The day after the launch, AMSAT-DL made an IQ recording of the X-band beacon of Lunar Flashlight at 8457.27 MHz with the 20 metre antenna at Bochum observatory. The recording was done on 2022-12-12 17:08:54 UTC and lasts 3 minutes 2 seconds. In this post I will analyse the recording.

#### Modulation and coding

The modulation used by Lunar Flashlight is PCM/PM/bi-phase-L. This means that the telemetry is Manchester encoded and phase modulated with a residual carrier. The nominal baudrate is probably 48 kbaud. To be more precise, I have measured 48077 baud. Coding is r=1/6 CCSDS Turbo code with 8920 bit frames. This is the CCSDS coding that provides the best Eb/N0 performance.

The figure below shows the GNU Radio flowgraph that I have used to decode this recording. The flowgraph uses the Turbo decoder block from gr-dslwp and some blocks from gr-satellites.

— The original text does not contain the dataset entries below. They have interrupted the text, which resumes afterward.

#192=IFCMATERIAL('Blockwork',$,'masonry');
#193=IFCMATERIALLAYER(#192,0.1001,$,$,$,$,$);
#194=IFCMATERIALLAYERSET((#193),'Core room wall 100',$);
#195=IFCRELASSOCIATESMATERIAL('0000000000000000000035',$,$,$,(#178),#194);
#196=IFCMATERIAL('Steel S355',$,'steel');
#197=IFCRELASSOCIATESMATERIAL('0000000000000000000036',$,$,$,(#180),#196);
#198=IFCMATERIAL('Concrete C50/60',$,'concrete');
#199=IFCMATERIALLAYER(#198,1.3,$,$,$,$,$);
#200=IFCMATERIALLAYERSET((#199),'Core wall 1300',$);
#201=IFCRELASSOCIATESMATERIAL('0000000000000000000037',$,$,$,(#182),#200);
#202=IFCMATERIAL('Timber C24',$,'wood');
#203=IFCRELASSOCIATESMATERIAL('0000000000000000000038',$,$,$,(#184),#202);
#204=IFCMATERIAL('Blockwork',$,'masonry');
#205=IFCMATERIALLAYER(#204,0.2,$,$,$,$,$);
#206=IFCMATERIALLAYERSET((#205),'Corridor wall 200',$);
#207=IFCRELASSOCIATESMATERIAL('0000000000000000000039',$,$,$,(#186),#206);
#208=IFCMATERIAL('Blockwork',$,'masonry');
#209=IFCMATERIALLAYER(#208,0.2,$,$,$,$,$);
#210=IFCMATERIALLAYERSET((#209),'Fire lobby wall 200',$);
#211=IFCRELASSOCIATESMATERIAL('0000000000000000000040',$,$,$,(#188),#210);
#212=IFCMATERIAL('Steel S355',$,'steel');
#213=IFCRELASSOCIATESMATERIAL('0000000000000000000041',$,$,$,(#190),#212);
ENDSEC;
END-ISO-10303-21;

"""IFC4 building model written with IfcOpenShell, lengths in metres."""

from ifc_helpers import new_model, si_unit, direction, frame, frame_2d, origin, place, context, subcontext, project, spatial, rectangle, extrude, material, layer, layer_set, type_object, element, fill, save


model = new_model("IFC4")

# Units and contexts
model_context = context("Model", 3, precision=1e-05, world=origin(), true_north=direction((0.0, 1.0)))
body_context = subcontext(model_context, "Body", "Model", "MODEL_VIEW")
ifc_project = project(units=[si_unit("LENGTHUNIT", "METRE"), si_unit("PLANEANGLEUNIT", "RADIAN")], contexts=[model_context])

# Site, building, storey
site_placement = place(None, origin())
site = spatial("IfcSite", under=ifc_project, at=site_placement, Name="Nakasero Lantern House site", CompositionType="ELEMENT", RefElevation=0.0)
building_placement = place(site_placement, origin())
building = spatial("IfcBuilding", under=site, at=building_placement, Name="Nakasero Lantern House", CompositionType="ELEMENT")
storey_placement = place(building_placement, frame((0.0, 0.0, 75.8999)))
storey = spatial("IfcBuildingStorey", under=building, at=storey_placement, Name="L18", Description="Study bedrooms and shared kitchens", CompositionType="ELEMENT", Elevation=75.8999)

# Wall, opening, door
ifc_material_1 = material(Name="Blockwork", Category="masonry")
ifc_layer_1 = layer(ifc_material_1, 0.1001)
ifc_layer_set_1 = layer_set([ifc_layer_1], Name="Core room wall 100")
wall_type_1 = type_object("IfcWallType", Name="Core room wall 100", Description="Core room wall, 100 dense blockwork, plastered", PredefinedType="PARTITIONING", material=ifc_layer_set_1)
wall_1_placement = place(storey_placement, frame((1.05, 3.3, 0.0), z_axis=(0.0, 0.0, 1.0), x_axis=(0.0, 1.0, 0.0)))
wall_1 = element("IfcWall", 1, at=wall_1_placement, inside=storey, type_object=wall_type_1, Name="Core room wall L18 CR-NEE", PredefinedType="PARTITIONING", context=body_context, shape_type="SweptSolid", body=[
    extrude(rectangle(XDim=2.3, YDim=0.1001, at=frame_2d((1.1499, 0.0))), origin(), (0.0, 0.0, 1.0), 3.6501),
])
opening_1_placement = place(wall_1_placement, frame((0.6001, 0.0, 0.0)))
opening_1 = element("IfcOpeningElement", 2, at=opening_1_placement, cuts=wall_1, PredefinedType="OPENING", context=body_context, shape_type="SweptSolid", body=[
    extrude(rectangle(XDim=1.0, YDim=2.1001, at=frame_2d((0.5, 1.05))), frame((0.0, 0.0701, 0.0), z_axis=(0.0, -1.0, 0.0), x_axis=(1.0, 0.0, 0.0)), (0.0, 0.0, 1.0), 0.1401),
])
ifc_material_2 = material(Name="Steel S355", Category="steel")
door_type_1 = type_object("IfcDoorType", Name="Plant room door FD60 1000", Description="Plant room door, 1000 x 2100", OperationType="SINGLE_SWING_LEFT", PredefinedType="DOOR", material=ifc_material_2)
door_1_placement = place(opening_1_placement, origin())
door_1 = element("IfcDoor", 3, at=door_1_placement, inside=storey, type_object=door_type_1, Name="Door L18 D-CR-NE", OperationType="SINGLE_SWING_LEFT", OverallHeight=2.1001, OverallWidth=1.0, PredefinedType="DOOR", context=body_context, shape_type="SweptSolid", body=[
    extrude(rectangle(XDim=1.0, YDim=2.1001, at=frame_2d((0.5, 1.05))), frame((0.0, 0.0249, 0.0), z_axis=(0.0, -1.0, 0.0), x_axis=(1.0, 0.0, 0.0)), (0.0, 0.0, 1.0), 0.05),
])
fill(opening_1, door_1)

At some point in the recording, there is a frequency jump of approximately 121 kHz. This is probably caused by the spacecraft locking or unlocking to an uplink carrier from the groundstation. The recording is therefore processed in two segments, using different File Source blocks for each of the segments. In the second segment there is actually a second, much smaller, frequency jump. For this reason, the PLL bandwidth for the second segment is set to 100 Hz, so that the jump can be tracked correctly. For the first segment, a PLL bandwidth of 25 Hz is used, which gives less jitter.

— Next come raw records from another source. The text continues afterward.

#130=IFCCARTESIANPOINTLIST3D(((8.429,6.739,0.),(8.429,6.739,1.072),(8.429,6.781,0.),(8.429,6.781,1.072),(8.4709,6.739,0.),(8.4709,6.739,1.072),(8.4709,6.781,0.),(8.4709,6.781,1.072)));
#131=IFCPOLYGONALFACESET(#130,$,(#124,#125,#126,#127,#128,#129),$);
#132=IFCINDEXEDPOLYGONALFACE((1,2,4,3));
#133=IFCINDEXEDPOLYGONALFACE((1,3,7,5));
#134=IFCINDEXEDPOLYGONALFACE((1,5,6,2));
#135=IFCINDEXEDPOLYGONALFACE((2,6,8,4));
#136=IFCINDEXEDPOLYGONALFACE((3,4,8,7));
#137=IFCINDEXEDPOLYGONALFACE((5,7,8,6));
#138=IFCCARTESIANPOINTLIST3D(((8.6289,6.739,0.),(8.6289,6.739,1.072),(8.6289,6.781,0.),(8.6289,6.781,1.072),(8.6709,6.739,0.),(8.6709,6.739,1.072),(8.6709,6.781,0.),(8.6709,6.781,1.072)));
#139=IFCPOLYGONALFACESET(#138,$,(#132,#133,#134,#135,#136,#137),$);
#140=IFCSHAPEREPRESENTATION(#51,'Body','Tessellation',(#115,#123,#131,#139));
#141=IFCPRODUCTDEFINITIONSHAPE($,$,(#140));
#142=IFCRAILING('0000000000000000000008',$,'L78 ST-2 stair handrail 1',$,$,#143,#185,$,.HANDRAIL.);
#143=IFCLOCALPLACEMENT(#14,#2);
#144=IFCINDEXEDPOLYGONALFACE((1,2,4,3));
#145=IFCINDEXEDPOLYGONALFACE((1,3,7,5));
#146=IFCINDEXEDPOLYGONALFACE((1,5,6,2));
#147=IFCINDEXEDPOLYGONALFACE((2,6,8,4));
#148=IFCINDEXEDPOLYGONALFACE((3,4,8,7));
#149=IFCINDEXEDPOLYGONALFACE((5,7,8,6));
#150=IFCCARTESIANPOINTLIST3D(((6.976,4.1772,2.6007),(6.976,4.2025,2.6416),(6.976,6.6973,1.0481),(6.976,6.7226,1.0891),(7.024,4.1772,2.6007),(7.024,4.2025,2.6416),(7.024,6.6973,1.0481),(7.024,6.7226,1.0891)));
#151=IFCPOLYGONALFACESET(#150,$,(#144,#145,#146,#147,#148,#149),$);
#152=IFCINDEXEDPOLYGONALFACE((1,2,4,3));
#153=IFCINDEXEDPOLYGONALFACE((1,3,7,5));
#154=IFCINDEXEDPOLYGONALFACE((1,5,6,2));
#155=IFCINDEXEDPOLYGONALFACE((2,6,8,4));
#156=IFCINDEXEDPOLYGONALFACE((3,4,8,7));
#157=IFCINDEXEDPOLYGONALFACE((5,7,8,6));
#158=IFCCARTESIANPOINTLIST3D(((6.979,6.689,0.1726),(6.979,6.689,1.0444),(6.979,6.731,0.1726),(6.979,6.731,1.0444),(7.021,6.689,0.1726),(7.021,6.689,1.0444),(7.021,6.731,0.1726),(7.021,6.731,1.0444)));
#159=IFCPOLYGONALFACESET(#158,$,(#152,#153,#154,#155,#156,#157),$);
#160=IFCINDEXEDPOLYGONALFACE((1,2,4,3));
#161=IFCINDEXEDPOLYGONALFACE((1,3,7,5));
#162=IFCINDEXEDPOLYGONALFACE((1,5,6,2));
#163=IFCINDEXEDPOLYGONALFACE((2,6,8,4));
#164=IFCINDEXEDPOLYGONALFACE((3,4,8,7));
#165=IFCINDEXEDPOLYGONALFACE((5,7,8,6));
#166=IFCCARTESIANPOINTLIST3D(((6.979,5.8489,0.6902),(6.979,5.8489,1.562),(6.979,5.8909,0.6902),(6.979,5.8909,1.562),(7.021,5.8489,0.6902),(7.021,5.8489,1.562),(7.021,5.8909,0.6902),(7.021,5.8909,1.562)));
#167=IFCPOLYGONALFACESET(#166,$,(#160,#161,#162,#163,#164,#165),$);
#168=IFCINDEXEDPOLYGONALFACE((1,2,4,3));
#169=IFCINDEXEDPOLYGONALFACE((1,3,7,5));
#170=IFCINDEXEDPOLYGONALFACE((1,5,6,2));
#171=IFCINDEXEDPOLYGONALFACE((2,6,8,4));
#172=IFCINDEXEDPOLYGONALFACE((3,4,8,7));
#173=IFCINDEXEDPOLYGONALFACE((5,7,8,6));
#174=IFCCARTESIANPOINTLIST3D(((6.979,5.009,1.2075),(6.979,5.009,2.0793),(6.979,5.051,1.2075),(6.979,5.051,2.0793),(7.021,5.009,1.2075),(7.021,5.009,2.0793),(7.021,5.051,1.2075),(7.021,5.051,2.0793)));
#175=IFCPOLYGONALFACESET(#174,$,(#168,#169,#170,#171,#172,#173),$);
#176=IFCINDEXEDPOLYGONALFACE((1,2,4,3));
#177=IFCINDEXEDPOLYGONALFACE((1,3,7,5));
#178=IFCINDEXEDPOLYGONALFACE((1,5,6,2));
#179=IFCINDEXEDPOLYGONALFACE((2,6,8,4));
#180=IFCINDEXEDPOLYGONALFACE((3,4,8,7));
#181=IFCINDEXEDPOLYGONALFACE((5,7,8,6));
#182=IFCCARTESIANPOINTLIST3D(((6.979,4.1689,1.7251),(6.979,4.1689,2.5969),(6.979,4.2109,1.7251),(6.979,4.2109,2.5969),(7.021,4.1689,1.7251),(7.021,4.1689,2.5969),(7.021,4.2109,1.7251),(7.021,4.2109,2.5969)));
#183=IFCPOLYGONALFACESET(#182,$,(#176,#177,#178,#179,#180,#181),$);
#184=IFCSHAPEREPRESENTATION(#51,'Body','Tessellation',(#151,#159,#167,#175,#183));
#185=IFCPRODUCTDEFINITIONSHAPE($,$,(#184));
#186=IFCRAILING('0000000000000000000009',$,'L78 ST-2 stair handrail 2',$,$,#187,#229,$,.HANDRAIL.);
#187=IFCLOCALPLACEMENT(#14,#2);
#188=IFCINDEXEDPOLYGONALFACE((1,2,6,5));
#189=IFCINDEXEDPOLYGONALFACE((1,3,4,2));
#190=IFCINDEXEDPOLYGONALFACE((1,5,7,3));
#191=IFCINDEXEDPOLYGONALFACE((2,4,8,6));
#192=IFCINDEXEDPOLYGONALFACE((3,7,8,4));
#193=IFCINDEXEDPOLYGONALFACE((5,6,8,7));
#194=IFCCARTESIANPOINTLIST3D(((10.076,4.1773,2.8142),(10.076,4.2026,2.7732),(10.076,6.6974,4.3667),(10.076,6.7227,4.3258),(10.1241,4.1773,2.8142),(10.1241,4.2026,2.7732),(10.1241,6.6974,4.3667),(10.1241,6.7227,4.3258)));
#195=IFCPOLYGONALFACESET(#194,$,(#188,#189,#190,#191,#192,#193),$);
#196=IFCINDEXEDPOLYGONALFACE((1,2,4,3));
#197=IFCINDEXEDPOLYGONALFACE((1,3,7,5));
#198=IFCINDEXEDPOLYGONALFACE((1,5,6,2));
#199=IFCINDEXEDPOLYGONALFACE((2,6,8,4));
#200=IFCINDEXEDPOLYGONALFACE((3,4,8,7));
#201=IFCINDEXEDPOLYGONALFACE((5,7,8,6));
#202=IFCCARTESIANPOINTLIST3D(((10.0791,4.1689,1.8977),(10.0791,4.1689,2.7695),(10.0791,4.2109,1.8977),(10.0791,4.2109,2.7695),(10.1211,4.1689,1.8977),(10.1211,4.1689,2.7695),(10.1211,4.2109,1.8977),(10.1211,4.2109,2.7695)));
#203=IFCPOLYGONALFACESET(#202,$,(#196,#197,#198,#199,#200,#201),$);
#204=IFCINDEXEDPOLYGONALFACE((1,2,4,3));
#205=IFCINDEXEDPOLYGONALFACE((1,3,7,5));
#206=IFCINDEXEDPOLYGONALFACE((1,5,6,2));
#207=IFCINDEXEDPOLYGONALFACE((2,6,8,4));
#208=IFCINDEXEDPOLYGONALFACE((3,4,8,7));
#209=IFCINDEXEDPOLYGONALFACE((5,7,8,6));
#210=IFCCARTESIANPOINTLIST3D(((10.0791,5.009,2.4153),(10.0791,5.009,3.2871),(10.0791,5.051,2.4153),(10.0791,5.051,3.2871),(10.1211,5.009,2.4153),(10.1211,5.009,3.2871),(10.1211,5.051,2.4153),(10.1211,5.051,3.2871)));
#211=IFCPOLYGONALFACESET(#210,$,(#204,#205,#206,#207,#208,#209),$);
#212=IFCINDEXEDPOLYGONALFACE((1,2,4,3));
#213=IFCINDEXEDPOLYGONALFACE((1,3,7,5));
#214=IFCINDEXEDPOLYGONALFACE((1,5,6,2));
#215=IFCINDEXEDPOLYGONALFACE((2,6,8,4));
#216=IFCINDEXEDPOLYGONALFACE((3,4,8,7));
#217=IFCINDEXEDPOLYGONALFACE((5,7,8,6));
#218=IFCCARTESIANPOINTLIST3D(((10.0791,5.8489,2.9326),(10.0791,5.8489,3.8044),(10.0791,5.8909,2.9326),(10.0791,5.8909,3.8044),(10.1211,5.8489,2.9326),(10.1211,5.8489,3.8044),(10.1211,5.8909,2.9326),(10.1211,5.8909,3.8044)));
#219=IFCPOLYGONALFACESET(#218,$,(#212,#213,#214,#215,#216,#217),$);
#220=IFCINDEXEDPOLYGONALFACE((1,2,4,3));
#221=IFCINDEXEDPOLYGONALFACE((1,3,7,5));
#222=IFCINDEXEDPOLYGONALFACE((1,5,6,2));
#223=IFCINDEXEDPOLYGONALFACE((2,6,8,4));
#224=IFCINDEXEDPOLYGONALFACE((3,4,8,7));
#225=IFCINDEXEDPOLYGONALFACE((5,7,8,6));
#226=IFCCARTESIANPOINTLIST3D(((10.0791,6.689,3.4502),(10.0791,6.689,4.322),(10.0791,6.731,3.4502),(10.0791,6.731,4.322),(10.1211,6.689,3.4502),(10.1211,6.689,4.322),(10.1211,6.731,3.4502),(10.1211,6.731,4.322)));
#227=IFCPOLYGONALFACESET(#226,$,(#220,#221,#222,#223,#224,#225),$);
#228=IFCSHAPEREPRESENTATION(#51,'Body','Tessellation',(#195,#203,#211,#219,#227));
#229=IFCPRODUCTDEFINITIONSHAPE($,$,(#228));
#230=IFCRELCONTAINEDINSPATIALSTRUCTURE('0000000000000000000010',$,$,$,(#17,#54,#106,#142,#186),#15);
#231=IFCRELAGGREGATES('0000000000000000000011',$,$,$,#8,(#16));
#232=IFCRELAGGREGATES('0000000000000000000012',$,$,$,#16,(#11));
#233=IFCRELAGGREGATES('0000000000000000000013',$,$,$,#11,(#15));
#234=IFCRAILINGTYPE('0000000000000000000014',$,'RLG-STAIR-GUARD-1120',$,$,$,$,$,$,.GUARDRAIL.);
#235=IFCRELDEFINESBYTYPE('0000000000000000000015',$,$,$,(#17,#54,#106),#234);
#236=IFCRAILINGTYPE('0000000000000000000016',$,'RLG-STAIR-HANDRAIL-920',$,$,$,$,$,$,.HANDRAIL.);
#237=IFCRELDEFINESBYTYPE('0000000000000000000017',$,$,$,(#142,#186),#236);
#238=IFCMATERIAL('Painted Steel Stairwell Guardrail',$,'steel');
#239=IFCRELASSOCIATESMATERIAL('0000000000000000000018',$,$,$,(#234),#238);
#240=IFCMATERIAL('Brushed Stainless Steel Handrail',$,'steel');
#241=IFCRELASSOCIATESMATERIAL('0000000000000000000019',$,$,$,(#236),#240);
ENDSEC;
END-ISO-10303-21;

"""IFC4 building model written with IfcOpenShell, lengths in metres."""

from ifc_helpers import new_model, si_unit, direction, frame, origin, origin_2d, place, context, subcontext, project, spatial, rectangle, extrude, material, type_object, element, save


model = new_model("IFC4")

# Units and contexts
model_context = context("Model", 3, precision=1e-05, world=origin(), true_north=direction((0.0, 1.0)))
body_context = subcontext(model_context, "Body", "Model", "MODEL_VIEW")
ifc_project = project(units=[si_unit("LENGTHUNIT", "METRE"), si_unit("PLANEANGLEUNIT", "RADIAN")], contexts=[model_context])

The figure below shows the GUI of the decoder flowgraph. The top left plot is the spectrum at the output of the PLL, showing the real and imaginary parts separately. I don’t know why there is a significant amount of modulation power on the real part (besides the residual carrier). This only happens at the beginning of the recording. A few seconds before the frequency jump the power in the real part disappears. It briefly appears again for a few seconds some time after the frequency jump.

The top right plot shows the constellation plot. We see that the SNR is good and there are few bit errors. The bottom plot shows a time domain plot of the stream of symbols and the correlations with the 192-bit ASM.

#### AOS frames

Lunar Flashligh transmits CCSDS AOS Space Data Link frames using spacecraft ID 0x81. This ID is assigned to the return link of Lunar-Flashlight in SANA registry. The forward link has assigned a different spacecraft ID, 0x36B. We have seen this tendency to use different spacecraft IDs for the forward and return links in most of the cubesats that have been launched to the Moon on the end of 2022.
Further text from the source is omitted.